First installment of stories about my travels in Iran in 1973. I will be reading this on Shahrohk Nikfar's KYRS radio program "Persian Hour" in Spokane, Washington, on February 5th from 12 to 1pm. See parts (1) (2) (3) (4).

The experience of traveling in an open truck is not what the average tourist gets out of a trip to anywhere. There is not a planned route, no itinerary of sites to see along the way and no hotel reservations with hot showers and meals waiting at the end of the day. Not much money is required either. But what is necessary is a sense of adventure, an open mind and a lack of urgency in getting anywhere but down the road.

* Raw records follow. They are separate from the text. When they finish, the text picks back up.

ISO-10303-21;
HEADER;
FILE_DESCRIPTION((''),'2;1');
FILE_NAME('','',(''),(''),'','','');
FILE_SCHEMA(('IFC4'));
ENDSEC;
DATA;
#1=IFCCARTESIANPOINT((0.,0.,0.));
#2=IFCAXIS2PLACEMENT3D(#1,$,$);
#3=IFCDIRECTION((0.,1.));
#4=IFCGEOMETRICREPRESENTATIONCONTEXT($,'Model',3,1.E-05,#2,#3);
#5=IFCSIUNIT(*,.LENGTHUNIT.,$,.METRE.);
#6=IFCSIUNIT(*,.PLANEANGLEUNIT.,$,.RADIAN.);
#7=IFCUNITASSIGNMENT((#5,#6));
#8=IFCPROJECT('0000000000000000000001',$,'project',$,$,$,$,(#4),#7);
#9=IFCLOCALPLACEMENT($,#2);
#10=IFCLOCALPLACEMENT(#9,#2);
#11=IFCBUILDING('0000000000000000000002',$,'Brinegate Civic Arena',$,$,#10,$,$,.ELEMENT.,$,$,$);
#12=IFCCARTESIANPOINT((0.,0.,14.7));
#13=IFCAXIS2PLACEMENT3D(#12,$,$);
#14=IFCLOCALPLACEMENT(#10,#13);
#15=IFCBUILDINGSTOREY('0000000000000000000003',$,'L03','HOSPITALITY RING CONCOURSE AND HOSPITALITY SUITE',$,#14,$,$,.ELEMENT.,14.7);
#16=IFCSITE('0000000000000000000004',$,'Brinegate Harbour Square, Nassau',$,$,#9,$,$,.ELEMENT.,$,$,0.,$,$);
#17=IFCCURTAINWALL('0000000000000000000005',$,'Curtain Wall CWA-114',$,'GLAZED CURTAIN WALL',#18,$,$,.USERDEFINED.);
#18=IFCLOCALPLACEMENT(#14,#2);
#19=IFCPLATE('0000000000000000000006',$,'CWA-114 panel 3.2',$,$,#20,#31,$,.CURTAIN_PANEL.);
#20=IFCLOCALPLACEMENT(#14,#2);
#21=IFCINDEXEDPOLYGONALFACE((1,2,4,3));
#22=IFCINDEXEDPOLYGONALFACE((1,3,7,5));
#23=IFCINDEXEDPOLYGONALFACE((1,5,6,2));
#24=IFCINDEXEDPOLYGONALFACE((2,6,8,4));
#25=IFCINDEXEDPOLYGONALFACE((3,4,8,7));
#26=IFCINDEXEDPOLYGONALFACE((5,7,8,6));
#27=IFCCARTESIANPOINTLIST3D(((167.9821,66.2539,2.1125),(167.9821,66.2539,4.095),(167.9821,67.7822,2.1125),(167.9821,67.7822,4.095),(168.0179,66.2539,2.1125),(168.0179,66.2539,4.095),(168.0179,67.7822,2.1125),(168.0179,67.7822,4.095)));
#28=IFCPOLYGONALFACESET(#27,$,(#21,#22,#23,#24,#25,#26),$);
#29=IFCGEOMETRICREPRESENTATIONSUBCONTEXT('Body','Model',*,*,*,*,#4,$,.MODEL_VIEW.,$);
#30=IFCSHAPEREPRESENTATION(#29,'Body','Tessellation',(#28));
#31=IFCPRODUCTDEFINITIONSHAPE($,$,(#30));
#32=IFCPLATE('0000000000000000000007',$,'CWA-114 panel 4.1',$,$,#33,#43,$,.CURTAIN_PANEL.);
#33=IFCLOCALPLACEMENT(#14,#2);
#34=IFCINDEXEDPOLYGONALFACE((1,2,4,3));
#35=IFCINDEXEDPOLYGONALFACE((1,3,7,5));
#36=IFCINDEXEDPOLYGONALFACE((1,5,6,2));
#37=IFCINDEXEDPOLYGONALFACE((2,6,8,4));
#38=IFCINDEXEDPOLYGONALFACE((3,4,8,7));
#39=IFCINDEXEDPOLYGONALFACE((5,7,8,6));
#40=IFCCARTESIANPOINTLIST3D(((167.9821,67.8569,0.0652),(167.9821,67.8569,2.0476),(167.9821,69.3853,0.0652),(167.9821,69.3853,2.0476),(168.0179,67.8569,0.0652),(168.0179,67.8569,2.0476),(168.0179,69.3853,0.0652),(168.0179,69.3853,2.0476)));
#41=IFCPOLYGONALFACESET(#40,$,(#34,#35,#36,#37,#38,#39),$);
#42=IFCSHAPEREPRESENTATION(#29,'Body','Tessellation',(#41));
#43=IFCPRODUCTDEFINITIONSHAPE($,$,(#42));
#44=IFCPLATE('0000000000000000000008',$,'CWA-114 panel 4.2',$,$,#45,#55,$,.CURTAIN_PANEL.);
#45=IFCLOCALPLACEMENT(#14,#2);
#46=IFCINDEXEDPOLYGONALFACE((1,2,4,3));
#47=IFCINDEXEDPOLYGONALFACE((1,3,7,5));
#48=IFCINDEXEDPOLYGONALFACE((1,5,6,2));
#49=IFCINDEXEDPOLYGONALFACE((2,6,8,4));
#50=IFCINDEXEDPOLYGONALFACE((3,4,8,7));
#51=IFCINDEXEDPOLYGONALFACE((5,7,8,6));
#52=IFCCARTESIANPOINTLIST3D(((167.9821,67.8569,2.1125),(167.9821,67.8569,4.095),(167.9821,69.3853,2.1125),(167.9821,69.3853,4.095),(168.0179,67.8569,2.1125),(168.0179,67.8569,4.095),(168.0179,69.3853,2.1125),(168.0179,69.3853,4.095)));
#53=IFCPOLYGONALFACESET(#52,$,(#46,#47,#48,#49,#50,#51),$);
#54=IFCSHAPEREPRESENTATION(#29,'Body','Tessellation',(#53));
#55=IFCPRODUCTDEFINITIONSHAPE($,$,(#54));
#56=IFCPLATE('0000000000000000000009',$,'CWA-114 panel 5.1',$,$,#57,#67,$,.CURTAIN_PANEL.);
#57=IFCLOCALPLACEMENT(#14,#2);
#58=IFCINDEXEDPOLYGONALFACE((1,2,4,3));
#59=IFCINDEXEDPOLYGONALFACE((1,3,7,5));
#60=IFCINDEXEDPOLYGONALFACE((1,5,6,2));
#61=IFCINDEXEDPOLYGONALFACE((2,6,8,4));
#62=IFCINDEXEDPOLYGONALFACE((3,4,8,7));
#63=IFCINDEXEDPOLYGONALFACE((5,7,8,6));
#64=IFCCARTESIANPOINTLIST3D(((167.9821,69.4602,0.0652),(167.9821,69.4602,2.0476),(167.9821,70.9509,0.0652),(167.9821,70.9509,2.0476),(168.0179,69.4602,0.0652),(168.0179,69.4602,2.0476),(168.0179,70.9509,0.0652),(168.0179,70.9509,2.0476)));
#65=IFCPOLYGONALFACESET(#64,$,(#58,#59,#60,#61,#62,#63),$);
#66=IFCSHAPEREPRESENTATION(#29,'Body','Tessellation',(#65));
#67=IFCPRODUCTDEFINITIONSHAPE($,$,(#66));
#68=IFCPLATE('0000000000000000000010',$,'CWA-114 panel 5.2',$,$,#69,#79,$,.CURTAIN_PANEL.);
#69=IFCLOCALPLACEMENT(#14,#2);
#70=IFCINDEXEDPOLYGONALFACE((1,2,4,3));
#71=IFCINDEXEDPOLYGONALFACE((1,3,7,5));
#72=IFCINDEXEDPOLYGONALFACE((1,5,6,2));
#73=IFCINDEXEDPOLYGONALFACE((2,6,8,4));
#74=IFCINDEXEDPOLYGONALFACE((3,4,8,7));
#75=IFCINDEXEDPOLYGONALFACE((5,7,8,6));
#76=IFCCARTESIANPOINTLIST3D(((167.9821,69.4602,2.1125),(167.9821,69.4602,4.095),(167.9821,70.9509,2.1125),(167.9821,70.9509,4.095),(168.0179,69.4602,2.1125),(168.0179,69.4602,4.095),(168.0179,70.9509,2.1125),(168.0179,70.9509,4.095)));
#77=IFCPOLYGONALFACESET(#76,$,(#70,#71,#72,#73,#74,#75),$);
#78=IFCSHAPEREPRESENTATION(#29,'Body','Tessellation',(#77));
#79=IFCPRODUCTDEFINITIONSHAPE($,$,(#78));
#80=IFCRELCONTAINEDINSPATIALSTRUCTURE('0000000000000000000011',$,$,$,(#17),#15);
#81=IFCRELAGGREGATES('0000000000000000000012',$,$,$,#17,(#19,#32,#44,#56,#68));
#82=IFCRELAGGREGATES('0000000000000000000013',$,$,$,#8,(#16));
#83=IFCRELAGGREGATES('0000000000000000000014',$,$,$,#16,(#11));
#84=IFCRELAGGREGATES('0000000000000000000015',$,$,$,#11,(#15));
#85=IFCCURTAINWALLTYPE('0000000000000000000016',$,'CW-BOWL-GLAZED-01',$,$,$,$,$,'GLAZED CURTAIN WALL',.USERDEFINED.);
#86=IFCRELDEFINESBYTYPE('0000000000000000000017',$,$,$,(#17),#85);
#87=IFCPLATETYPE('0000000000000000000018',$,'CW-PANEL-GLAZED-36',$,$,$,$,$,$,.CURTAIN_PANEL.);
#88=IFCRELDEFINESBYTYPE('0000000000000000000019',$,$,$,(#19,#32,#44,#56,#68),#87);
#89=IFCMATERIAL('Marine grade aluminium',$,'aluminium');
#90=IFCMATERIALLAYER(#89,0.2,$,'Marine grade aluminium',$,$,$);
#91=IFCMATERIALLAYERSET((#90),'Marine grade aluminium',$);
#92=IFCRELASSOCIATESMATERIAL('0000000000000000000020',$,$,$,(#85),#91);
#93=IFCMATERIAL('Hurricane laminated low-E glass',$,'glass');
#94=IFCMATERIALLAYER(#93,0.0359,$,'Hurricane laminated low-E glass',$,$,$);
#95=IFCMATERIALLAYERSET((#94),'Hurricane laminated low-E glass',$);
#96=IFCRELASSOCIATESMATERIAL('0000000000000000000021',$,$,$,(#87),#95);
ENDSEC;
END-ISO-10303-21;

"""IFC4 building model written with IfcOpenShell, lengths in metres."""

from ifc_helpers import new_model, si_unit, direction, frame, origin, origin_2d, place, context, subcontext, project, spatial, rectangle, extrude, material, layer, layer_set, type_object, element, aggregate, save


model = new_model("IFC4")

# Units and contexts
model_context = context("Model", 3, precision=1e-05, world=origin(), true_north=direction((0.0, 1.0)))
body_context = subcontext(model_context, "Body", "Model", "MODEL_VIEW")
ifc_project = project(units=[si_unit("LENGTHUNIT", "METRE"), si_unit("PLANEANGLEUNIT", "RADIAN")], contexts=[model_context])

# Site, building, storey
site_placement = place(None, origin())
site = spatial("IfcSite", under=ifc_project, at=site_placement, Name="Brinegate Harbour Square, Nassau", CompositionType="ELEMENT", RefElevation=0.0)
building_placement = place(site_placement, origin())
building = spatial("IfcBuilding", under=site, at=building_placement, Name="Brinegate Civic Arena", CompositionType="ELEMENT")
storey_placement = place(building_placement, frame((0.0, 0.0, 14.7)))
storey = spatial("IfcBuildingStorey", under=building, at=storey_placement, Name="L03", Description="HOSPITALITY RING CONCOURSE AND HOSPITALITY SUITE", CompositionType="ELEMENT", Elevation=14.7)

# Curtain wall
ifc_material_1 = material(Name="Marine grade aluminium", Category="aluminium")
ifc_layer_1 = layer(ifc_material_1, 0.2, Name="Marine grade aluminium")
ifc_layer_set_1 = layer_set([ifc_layer_1], Name="Marine grade aluminium")
curtain_wall_type = type_object("IfcCurtainWallType", Name="CW-BOWL-GLAZED-01", ElementType="GLAZED CURTAIN WALL", PredefinedType="USERDEFINED", material=ifc_layer_set_1)
curtain_wall_1_placement = place(storey_placement, origin())
curtain_wall_1 = element("IfcCurtainWall", 1, at=curtain_wall_1_placement, inside=storey, type_object=curtain_wall_type, Name="Curtain Wall CWA-114", ObjectType="GLAZED CURTAIN WALL", PredefinedType="USERDEFINED")

# Plates
ifc_material_2 = material(Name="Hurricane laminated low-E glass", Category="glass")
ifc_layer_2 = layer(ifc_material_2, 0.0359, Name="Hurricane laminated low-E glass")
ifc_layer_set_2 = layer_set([ifc_layer_2], Name="Hurricane laminated low-E glass")
plate_type_1 = type_object("IfcPlateType", Name="CW-PANEL-GLAZED-36", PredefinedType="CURTAIN_PANEL", material=ifc_layer_set_2)
plate_1_placement = place(storey_placement, frame((168.0, 67.0181, 2.1125), z_axis=(0.0, 0.0, 1.0), x_axis=(0.0, 1.0, 0.0)))
plate_1 = element("IfcPlate", 2, at=plate_1_placement, type_object=plate_type_1, Name="CWA-114 panel 3.2", PredefinedType="CURTAIN_PANEL", context=body_context, shape_type="SweptSolid", body=[
    extrude(rectangle(XDim=1.5283, YDim=0.0359, at=origin_2d()), origin(), (0.0, 0.0, 1.0), 1.9824),
])
plate_2_placement = place(storey_placement, frame((168.0, 68.6211, 0.0652), z_axis=(0.0, 0.0, 1.0), x_axis=(0.0, 1.0, 0.0)))
plate_2 = element("IfcPlate", 3, at=plate_2_placement, type_object=plate_type_1, Name="CWA-114 panel 4.1", PredefinedType="CURTAIN_PANEL", context=body_context, shape_type="SweptSolid", body=[
    extrude(rectangle(XDim=1.5283, YDim=0.0359, at=origin_2d()), origin(), (0.0, 0.0, 1.0), 1.9824),
])
plate_3_placement = place(storey_placement, frame((168.0, 68.6211, 2.1125), z_axis=(0.0, 0.0, 1.0), x_axis=(0.0, 1.0, 0.0)))
plate_3 = element("IfcPlate", 4, at=plate_3_placement, type_object=plate_type_1, Name="CWA-114 panel 4.2", PredefinedType="CURTAIN_PANEL", context=body_context, shape_type="SweptSolid", body=[
    extrude(rectangle(XDim=1.5283, YDim=0.0359, at=origin_2d()), origin(), (0.0, 0.0, 1.0), 1.9824),
])
plate_4_placement = place(storey_placement, frame((168.0, 70.2056, 0.0652), z_axis=(0.0, 0.0, 1.0), x_axis=(0.0, 1.0, 0.0)))
plate_4 = element("IfcPlate", 5, at=plate_4_placement, type_object=plate_type_1, Name="CWA-114 panel 5.1", PredefinedType="CURTAIN_PANEL", context=body_context, shape_type="SweptSolid", body=[
    extrude(rectangle(XDim=1.4907, YDim=0.0359, at=origin_2d()), origin(), (0.0, 0.0, 1.0), 1.9824),
])
plate_5_placement = place(storey_placement, frame((168.0, 70.2056, 2.1125), z_axis=(0.0, 0.0, 1.0), x_axis=(0.0, 1.0, 0.0)))
plate_5 = element("IfcPlate", 6, at=plate_5_placement, type_object=plate_type_1, Name="CWA-114 panel 5.2", PredefinedType="CURTAIN_PANEL", context=body_context, shape_type="SweptSolid", body=[
    extrude(rectangle(XDim=1.4907, YDim=0.0359, at=origin_2d()), origin(), (0.0, 0.0, 1.0), 1.9824),
])
aggregate(curtain_wall_1, [plate_1, plate_2, plate_3, plate_4, plate_5])

save(model, "model.ifc")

This particular truck took the form of a 1953 Mercedes Benz with a 16-foot bed with about 2/3's of it covered in an olive green canvas tarp that pretty much matched the color of the truck. There were seven of us, plus the owner/driver, Bernard, a Frenchman on his way to India. We were an international convoy of one, transporting a small army of goodwill ambassadors armed with musical instruments and an intense interest in everything that came our way.

Most travelers at this time -- 1973 -- were on the fabled "Road to Katmandu", bound for India with visions of flower bedecked gurus in Himalayan temples or lush tropical ashrams. They seemed to have little or no interest in what lay between the Aegean shores and the River Ganges, just what would magically take place when they crossed the frontier into India.

The inhabitants of Turkey and Iran were best avoided and a transit coach from Istanbul to Tehran was the most popular choice, then on to Afghanistan where they might spend a week or so. After that a ride over the Khyber Pass to Peshawar where they would catch a train across Pakistan to the promised land of India.

To give you an idea of the difference of pace, a luxury coach from Istanbul to Tehran would take about 24 hours, maybe a little longer depending on road conditions. In our case it took more like 24 days with 2 breakdowns and a route that if followed on a map would look like a very irregular heartbeat.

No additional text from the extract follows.